The SITEMA Safety Catcher works in similar fashion. If hydraulic or pneumatic system pressure fails, or if a rope, chain, belt or toothed drive breaks, the SITEMA Safety Catcher prevents the load from crashing down at any position of the descent. Better yet, the system is "self-intensifying", so that as downward force increases, so too does the Safety Catcher's clamping force.
Here's how it works
1.) A cylinder rod is mounted to the top of the platen extending through the press crown and the Sitema safety catcher housing (Figure 2). The safety catcher housing is securely fixed to the machine crown/frame and surrounds the rod which is free to move during normal operation. Wedge shaped clamping jaws inside the housing are held with hydraulic or pneumatic pressure to keep the wedges in position so that the rod can move freely.
2.) This safety catcher instantly becomes effective when hydraulic or pneumatic pressure is lost or released. A spring causes the clamping jaws to firmly contact the rod. As a result, any downward movement of the rod initiates the "self-intensification" feature securing the load.
3.) Significantly, the energy of the falling or sinking load is used to apply additional clamping force if needed. In other words, "self-intensifying" friction created between the clamping jaws and the cylinder rod draws the jaws into their maximum clamping position after only a few millimeters of movement.
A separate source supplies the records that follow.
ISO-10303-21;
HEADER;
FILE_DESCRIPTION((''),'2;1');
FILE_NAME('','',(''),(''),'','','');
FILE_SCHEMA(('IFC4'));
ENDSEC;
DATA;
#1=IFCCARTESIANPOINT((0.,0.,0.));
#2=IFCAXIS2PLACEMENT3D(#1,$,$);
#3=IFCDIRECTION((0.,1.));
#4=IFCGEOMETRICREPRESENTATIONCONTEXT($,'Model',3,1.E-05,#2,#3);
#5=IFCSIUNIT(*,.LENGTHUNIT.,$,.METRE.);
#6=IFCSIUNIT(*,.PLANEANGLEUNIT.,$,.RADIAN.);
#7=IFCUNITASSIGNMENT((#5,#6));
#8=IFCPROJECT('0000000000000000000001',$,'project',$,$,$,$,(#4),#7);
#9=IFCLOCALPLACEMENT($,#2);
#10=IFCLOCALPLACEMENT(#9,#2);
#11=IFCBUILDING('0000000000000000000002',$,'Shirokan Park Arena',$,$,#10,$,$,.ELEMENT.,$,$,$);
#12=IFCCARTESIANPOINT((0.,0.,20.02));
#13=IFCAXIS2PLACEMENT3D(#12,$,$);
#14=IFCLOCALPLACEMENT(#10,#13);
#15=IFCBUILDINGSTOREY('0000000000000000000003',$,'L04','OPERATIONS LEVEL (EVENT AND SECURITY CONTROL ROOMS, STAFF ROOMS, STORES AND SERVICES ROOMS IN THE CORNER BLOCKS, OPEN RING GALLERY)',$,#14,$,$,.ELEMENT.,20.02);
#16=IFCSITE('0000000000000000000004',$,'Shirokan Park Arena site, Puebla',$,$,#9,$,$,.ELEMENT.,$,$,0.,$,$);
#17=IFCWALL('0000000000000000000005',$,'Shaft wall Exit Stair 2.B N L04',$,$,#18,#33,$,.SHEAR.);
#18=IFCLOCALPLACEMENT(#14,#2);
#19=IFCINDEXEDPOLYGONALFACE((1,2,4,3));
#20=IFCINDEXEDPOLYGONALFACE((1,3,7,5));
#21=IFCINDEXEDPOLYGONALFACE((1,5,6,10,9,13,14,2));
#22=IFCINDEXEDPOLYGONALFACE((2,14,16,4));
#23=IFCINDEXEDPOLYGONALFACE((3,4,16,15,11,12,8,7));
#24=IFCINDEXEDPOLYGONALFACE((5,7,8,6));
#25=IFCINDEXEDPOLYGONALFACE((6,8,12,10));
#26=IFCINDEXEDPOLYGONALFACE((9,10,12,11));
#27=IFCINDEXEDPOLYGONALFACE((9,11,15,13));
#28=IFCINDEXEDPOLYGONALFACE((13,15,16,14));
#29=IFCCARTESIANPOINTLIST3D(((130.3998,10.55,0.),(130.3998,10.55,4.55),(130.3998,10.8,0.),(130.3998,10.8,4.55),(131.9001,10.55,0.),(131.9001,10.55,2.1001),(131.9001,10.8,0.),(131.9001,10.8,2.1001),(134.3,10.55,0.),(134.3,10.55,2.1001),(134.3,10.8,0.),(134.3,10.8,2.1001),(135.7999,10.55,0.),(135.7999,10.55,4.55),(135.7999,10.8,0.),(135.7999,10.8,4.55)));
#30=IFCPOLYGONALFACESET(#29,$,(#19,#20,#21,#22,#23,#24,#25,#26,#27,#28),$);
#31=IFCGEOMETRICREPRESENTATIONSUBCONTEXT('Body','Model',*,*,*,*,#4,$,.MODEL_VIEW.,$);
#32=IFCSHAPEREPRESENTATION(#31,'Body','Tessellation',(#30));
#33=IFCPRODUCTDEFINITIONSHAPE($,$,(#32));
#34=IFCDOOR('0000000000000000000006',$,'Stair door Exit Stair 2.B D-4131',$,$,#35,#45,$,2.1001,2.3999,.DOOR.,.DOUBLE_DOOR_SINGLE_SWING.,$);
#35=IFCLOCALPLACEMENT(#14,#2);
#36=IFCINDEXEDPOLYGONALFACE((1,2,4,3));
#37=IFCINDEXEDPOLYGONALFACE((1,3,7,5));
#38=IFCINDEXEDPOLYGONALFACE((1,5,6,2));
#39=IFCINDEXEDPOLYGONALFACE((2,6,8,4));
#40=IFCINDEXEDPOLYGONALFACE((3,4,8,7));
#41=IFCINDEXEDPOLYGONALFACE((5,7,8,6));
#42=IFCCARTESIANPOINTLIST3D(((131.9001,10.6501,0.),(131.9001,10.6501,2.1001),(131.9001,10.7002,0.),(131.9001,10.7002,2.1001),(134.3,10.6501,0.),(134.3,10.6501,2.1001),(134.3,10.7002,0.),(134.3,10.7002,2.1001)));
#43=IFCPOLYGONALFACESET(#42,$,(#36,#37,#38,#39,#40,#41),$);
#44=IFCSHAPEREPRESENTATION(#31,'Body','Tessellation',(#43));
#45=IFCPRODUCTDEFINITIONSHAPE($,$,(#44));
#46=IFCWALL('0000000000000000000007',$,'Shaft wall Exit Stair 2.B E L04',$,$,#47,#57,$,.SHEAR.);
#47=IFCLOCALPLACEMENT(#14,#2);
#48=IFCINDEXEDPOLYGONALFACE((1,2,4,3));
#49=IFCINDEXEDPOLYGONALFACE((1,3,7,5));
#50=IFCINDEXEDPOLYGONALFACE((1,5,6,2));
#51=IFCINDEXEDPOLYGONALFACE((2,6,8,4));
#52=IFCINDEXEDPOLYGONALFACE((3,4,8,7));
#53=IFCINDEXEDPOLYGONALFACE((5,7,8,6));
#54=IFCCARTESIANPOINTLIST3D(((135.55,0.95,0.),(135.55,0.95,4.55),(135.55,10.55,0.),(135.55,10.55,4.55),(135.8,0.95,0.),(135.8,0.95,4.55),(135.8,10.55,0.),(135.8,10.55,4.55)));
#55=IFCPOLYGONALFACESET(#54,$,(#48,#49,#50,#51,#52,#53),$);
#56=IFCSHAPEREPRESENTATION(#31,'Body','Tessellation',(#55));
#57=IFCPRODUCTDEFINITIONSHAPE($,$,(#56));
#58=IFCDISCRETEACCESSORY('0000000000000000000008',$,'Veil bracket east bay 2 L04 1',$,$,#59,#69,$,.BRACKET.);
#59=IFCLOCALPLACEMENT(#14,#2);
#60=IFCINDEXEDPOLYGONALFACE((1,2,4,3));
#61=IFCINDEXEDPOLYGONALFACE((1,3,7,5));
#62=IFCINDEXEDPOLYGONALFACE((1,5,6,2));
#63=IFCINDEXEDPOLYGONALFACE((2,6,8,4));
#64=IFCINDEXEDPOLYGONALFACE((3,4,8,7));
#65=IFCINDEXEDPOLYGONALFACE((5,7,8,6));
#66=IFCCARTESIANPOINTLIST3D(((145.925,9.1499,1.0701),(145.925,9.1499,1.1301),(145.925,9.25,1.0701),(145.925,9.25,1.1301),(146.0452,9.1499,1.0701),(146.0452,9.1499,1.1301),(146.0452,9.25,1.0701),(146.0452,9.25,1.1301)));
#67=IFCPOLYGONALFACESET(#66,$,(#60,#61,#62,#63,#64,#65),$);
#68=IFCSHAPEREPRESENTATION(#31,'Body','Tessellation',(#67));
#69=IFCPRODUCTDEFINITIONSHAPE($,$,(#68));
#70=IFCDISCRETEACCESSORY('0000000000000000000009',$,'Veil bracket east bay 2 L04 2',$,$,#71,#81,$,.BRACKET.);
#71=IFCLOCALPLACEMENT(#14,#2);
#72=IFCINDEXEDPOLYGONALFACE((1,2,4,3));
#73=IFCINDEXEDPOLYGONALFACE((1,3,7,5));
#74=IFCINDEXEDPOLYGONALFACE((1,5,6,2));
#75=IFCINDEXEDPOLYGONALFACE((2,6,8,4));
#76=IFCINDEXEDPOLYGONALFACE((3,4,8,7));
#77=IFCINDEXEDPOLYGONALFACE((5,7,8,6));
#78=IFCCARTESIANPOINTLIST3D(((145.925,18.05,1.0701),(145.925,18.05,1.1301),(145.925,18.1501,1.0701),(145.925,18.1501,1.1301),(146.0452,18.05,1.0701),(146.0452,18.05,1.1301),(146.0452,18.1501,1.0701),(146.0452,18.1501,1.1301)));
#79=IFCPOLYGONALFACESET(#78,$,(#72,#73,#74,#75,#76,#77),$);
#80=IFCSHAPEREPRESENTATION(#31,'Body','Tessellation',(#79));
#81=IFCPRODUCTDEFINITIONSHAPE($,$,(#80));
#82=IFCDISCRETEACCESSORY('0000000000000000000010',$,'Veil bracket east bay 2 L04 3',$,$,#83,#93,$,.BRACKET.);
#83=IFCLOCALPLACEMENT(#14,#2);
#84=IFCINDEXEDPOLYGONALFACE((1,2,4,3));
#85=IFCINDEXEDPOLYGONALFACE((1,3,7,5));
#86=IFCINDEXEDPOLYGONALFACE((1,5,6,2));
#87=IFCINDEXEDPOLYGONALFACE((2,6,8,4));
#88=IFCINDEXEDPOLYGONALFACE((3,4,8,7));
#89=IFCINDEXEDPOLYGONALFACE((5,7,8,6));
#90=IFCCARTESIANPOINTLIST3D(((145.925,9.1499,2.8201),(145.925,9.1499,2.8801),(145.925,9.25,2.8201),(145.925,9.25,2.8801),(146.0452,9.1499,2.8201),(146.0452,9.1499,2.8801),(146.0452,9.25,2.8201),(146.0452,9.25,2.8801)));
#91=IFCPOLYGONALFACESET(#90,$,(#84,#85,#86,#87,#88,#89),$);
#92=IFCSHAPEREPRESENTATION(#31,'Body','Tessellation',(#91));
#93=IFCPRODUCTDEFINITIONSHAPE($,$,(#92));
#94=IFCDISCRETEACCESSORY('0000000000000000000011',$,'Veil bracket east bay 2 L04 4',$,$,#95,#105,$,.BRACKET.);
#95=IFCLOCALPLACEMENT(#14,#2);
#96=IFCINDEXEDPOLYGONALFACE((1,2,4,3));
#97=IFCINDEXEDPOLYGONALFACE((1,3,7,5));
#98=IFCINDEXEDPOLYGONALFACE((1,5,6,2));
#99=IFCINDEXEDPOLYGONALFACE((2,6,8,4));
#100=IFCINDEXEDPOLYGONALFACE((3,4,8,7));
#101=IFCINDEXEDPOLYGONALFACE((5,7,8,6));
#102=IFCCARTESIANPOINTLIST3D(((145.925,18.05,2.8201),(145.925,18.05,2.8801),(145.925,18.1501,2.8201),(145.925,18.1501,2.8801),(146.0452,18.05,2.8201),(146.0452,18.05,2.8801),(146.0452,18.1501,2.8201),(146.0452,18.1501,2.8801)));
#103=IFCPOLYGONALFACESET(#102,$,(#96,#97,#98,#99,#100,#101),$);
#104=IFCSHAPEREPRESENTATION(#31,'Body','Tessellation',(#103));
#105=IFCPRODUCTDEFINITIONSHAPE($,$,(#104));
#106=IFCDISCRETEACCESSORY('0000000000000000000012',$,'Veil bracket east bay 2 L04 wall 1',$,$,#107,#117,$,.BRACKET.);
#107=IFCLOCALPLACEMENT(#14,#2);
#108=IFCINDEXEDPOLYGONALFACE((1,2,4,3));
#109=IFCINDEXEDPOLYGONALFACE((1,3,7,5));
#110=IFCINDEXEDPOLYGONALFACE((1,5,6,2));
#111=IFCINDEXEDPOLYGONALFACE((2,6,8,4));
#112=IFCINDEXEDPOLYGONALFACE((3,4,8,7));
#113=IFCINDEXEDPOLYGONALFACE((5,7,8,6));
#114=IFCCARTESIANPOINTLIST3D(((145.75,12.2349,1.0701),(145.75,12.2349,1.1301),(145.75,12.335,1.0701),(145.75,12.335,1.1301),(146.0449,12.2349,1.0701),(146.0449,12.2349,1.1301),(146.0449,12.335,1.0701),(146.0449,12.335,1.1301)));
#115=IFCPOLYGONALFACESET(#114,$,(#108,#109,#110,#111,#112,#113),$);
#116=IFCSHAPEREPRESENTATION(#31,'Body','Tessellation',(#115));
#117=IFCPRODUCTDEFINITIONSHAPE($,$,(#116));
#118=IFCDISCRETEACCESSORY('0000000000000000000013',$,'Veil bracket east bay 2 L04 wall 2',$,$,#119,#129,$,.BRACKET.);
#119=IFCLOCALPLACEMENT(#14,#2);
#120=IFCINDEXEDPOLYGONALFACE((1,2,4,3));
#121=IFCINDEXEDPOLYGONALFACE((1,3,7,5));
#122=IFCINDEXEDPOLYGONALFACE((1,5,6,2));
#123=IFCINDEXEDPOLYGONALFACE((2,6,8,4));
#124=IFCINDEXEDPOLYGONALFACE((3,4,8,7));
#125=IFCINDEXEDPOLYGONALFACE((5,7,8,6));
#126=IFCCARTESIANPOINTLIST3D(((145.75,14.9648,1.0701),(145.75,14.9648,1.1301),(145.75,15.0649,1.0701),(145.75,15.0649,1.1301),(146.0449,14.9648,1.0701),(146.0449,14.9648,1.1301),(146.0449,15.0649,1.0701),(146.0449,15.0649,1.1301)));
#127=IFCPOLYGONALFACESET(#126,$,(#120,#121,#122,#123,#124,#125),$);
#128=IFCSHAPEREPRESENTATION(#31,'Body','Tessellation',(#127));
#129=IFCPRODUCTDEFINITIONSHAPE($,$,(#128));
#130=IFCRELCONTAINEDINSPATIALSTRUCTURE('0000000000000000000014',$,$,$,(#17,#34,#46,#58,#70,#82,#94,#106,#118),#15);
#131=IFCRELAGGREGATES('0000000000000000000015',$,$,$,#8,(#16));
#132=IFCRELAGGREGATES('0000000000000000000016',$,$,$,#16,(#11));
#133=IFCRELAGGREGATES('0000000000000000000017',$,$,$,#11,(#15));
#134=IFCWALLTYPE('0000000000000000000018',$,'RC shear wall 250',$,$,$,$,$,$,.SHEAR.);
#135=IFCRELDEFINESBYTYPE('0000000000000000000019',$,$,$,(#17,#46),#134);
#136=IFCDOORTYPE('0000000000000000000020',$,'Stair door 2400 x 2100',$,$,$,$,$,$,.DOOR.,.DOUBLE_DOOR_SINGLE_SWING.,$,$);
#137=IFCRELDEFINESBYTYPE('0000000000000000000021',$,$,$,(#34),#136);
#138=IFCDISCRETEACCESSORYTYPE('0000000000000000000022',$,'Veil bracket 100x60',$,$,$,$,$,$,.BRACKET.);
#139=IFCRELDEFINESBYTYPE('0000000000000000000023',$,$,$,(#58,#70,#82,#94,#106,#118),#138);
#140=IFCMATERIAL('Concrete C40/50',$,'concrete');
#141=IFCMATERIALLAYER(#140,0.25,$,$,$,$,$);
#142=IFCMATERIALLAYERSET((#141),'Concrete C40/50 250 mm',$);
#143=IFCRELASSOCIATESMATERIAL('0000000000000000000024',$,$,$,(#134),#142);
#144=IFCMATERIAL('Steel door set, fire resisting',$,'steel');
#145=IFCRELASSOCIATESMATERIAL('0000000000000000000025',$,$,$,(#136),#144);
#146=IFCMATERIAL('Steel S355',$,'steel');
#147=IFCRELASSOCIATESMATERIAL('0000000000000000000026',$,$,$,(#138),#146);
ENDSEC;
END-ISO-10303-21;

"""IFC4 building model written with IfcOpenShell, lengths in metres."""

from ifc_helpers import new_model, si_unit, direction, frame, frame_2d, origin, origin_2d, place, context, subcontext, project, spatial, rectangle, extrude, material, layer, layer_set, type_object, element, fill, save


model = new_model("IFC4")

# Units and contexts
model_context = context("Model", 3, precision=1e-05, world=origin(), true_north=direction((0.0, 1.0)))
body_context = subcontext(model_context, "Body", "Model", "MODEL_VIEW")
ifc_project = project(units=[si_unit("LENGTHUNIT", "METRE"), si_unit("PLANEANGLEUNIT", "RADIAN")], contexts=[model_context])

# Site, building, storey
site_placement = place(None, origin())
site = spatial("IfcSite", under=ifc_project, at=site_placement, Name="Shirokan Park Arena site, Puebla", CompositionType="ELEMENT", RefElevation=0.0)
building_placement = place(site_placement, origin())
building = spatial("IfcBuilding", under=site, at=building_placement, Name="Shirokan Park Arena", CompositionType="ELEMENT")
storey_placement = place(building_placement, frame((0.0, 0.0, 20.02)))
storey = spatial("IfcBuildingStorey", under=building, at=storey_placement, Name="L04", Description="OPERATIONS LEVEL (EVENT AND SECURITY CONTROL ROOMS, STAFF ROOMS, STORES AND SERVICES ROOMS IN THE CORNER BLOCKS, OPEN RING GALLERY)", CompositionType="ELEMENT", Elevation=20.02)

# Shared definitions
ifc_material_1 = material(Name="Concrete C40/50", Category="concrete")
ifc_layer_1 = layer(ifc_material_1, 0.25)
ifc_layer_set_1 = layer_set([ifc_layer_1], Name="Concrete C40/50 250 mm")
wall_type_1 = type_object("IfcWallType", Name="RC shear wall 250", PredefinedType="SHEAR", material=ifc_layer_set_1)
ifc_material_2 = material(Name="Steel door set, fire resisting", Category="steel")
door_type_1 = type_object("IfcDoorType", Name="Stair door 2400 x 2100", OperationType="DOUBLE_DOOR_SINGLE_SWING", PredefinedType="DOOR", material=ifc_material_2)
4.) If the load continues to increase, the safety catcher will continue to hold the rod in a fixed position until a pre-determined static holding force limit is exceeded — (approximately three-four times the retain force). Beyond that point, the safety catcher continues to safely hold the rod, with a braking action dissipating the kinetic energy of the falling mass while it continues to resist the downward movement of the platen.
5.) Only when hydraulic or pneumatic pressure is restored in conjunction with the equivalent reverse movement of the rod are the clamping wedges released, making the SITEMA Safety Catcher inherently failsafe.
SITEMA is "catching on" everywhere
From presses to large hydraulic elevators to stack loaders to machine tools — in almost any application where a large load is traveling and the potential for a catastrophic mechanical failure exists — SITEMA Safety Catchers have been applied successfully and in increasing numbers, as safety standards toughen around the world. They are available in a variety of sizes to meet most common press sizes, including the very largest.